Re: OpenVPN authentication with Active Directory
Posted: Mon Aug 29, 2011 7:34 pm
by izghitu
Hi,
I tried to set this up but whenever I try to auth using a user/pass from the AD I get this in the openvpn logs:
Code: Select all
WARNING: Failed running command (--auth-user-pass-verify): external program fork failed
TLS Auth Error: Auth Username/Password verification failed for peer
I get this when running it from command line:
Code: Select all
[root@vpn openvpn]# ./openvpn-super.pl -c /etc/openvpn-super.conf -d
Configuration file parameters:
dc HASH(0x87a6d60)
-> 0 HOST
domain domain.com
group cn=Remote Desktop Users,ou=Domain Controllers,dc=domain,dc=com
logfile /var/log/openvpn.log
mailserver localhost
recipients HASH(0x8bc0db0)
-> email@gmail.com
2011-08-29 17:46:43 Invalid script_type: "" (expected client-connect, client-disconnect, or auth-user-pass-verify)
Am I doing something wrong?
Please help
Re: OpenVPN authentication with Active Directory
Posted: Mon Aug 29, 2011 7:48 pm
by izghitu
I've set the log file to /var/log/openvpn.log in both the config and in the script and set the debug to 1 but I get no output in /var/log/openvpn.log when authenticating via openvpn
Please help
Re: OpenVPN authentication with Active Directory
Posted: Tue Aug 30, 2011 10:14 am
by janjust
Code: Select all
WARNING: Failed running command (--auth-user-pass-verify): external program fork failed
TLS Auth Error: Auth Username/Password verification failed for peer
this suggests that the script cannot be executed. Try adding
restart the server and try again.
Re: OpenVPN authentication with Active Directory
Posted: Tue Aug 30, 2011 7:39 pm
by izghitu
This is what I get:
Code: Select all
WARNING: Failed running command (--auth-user-pass-verify): external program exited with error status: 1
TLS Auth Error: Auth Username/Password verification failed for peer
Control Channel: TLSv1, cipher TLSv1/SSLv3 DHE-RSA-AES256-SHA
[] Peer Connection Initiated with IP:49270
PUSH: Received control message: 'PUSH_REQUEST'
Delayed exit in 5 seconds
SENT CONTROL [UNDEF]: 'AUTH_FAILED' (status=1)

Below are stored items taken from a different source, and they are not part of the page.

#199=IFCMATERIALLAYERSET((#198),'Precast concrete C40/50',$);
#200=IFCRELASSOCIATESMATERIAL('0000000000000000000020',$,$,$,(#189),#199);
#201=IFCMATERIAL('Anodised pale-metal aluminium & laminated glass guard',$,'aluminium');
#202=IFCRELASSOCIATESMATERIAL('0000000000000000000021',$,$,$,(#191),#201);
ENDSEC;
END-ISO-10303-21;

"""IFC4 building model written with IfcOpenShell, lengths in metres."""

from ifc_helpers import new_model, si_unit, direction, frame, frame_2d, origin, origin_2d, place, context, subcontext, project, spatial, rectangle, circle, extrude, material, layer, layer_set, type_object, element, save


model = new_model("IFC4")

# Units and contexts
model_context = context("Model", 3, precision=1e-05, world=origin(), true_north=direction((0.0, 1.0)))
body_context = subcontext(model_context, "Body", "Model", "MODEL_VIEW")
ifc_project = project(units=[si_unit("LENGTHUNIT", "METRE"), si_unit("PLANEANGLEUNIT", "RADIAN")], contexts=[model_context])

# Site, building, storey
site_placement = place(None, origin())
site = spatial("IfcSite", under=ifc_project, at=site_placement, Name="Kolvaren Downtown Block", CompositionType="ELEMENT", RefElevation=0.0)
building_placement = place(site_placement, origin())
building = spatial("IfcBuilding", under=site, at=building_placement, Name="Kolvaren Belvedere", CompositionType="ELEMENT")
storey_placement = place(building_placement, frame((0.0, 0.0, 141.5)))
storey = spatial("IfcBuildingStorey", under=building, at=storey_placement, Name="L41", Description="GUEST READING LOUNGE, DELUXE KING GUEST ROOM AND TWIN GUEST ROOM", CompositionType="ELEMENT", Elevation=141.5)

read UDPv4 [ECONNREFUSED]: Connection refused (code=111)
IP:49270 SIGTERM[soft,delayed-exit] received, client-instance exiting
And I finally got an email. The email says:
Code: Select all
Details: Cannot find KDC for requested realm (0x9a)
What's KDC? Please advise
Re: OpenVPN authentication with Active Directory
Posted: Tue Aug 30, 2011 8:56 pm
by janjust
KDC = Kerberos Domain Controller
In AD speak this is pretty much the same as the Active Directory server; it seems the AD authentication fails due to a realm mismatch ; sorry but I can't help you there, as I'm clueless as to how AD works.

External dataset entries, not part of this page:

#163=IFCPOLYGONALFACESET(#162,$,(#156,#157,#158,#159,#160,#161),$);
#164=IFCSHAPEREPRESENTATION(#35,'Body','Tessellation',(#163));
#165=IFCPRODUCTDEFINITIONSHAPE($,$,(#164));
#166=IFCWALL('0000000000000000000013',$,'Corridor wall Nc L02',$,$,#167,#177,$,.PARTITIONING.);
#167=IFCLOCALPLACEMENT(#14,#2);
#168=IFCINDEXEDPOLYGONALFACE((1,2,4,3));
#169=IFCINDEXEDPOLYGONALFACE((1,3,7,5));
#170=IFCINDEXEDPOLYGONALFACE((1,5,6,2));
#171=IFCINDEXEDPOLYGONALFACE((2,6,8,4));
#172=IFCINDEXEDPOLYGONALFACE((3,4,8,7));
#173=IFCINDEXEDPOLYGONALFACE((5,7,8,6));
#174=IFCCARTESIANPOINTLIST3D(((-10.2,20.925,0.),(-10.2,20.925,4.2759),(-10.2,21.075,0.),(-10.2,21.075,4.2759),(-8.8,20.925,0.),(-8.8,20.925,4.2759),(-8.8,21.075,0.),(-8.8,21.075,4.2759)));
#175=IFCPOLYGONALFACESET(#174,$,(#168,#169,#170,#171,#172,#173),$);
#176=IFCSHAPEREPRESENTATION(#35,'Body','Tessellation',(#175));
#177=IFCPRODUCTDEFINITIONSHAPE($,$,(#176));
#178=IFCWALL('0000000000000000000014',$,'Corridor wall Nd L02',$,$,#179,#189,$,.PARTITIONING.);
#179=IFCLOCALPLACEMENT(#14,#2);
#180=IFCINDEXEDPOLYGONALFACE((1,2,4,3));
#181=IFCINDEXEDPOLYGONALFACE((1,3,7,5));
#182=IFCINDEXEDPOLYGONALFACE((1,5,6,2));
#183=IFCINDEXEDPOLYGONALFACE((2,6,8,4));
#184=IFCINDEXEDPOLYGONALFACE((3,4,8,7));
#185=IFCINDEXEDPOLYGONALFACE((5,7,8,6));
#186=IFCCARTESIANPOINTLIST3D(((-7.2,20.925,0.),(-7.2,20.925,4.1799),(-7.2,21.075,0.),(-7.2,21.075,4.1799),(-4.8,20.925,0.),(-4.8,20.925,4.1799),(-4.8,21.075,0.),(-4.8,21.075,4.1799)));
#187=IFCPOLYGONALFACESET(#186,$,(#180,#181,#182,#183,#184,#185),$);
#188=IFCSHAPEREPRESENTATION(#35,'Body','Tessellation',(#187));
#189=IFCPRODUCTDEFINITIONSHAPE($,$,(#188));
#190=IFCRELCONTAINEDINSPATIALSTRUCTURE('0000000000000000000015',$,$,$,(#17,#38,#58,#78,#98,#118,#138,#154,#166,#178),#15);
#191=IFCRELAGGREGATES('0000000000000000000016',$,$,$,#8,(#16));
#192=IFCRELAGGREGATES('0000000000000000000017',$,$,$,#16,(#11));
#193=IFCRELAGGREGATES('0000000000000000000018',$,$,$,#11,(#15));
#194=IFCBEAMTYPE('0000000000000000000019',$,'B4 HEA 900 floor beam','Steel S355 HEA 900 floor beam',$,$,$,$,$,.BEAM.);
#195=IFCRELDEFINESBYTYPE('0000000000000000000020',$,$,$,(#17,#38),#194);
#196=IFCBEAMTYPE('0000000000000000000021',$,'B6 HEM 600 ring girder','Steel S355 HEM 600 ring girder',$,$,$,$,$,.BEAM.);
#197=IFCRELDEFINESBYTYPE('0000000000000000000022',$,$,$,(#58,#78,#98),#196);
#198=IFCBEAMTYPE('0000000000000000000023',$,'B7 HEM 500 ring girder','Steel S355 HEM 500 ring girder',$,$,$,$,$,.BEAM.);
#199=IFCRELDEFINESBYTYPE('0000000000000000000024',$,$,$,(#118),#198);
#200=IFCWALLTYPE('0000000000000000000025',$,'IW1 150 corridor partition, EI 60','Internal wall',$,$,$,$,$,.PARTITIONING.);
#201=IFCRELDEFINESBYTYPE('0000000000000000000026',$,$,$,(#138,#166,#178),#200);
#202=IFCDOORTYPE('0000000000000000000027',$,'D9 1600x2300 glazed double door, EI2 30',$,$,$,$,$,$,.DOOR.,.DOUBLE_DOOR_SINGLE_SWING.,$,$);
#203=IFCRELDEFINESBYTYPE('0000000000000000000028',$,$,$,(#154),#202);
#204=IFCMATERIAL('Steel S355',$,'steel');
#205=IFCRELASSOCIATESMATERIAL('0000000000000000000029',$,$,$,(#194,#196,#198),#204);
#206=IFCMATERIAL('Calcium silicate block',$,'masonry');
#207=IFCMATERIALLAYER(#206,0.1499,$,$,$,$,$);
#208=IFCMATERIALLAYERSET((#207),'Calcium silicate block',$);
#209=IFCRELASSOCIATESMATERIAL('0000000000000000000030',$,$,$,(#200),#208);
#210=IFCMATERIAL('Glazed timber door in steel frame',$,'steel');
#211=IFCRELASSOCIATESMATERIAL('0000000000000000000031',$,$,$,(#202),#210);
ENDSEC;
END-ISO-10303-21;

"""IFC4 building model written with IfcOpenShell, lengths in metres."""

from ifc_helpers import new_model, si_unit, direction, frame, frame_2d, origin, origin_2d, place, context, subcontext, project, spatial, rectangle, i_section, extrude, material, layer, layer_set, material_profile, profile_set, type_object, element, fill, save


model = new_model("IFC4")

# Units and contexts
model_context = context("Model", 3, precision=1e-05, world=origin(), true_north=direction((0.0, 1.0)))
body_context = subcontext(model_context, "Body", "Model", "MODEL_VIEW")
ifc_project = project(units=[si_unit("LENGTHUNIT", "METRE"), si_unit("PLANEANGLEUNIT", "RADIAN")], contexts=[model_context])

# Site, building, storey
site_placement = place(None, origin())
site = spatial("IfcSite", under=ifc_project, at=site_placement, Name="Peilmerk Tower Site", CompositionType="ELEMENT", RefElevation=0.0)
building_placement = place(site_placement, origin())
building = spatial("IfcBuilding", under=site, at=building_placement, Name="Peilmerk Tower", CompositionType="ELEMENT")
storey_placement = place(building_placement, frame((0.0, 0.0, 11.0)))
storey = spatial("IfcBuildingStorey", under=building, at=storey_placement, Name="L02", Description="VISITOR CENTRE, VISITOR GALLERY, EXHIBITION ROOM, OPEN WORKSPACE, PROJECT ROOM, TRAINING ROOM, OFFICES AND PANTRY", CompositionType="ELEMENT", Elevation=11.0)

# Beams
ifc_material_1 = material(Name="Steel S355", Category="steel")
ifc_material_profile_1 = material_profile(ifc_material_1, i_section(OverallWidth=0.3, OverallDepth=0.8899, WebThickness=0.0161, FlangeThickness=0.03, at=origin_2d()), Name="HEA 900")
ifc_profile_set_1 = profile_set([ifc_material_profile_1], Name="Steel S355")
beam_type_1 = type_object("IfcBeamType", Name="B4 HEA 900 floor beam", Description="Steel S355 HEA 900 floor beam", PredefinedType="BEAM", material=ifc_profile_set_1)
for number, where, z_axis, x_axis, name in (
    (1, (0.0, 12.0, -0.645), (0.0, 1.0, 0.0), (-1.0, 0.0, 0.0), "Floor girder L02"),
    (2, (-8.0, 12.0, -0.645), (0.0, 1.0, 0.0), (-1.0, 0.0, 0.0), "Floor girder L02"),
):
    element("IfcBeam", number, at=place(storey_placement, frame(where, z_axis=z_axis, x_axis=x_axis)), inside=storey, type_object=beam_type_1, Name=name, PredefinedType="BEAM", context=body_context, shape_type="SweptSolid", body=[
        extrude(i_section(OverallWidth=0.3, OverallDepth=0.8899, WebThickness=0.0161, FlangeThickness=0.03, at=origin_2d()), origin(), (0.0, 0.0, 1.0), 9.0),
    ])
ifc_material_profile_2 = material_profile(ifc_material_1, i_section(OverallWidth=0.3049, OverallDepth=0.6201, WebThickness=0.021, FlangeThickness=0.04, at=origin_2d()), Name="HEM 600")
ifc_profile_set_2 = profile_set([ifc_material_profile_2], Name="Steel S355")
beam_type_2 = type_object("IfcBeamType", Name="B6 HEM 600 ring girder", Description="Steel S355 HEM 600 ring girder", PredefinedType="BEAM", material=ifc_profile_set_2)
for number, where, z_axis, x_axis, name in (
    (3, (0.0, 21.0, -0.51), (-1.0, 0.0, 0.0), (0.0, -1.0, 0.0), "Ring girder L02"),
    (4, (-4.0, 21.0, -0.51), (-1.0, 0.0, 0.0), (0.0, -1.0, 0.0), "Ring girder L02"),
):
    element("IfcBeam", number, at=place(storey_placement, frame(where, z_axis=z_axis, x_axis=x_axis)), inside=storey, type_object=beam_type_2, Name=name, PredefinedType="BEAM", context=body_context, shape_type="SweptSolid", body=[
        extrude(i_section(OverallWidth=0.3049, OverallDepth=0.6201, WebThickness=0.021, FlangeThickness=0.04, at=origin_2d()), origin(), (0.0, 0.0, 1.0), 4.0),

Re: OpenVPN authentication with Active Directory
Posted: Wed Aug 31, 2011 4:53 am
by izghitu
Thanks for your help so far. One last question if you don't mind.
So the KDC is the IP or hostname of the AD server right? Then what's realm?
Re: OpenVPN authentication with Active Directory
Posted: Wed Aug 31, 2011 7:46 am
by janjust
this is getting off-topic for the openvpn forum... troubleshoot your connection to the AD server first, e.g. by reading up on
http://www.linuxmail.info/troubleshooti ... -centos-5/
it looks like you either use the wrong IP address of the AD server or you misspelled the Active Directory Realm, which is case-sensitive.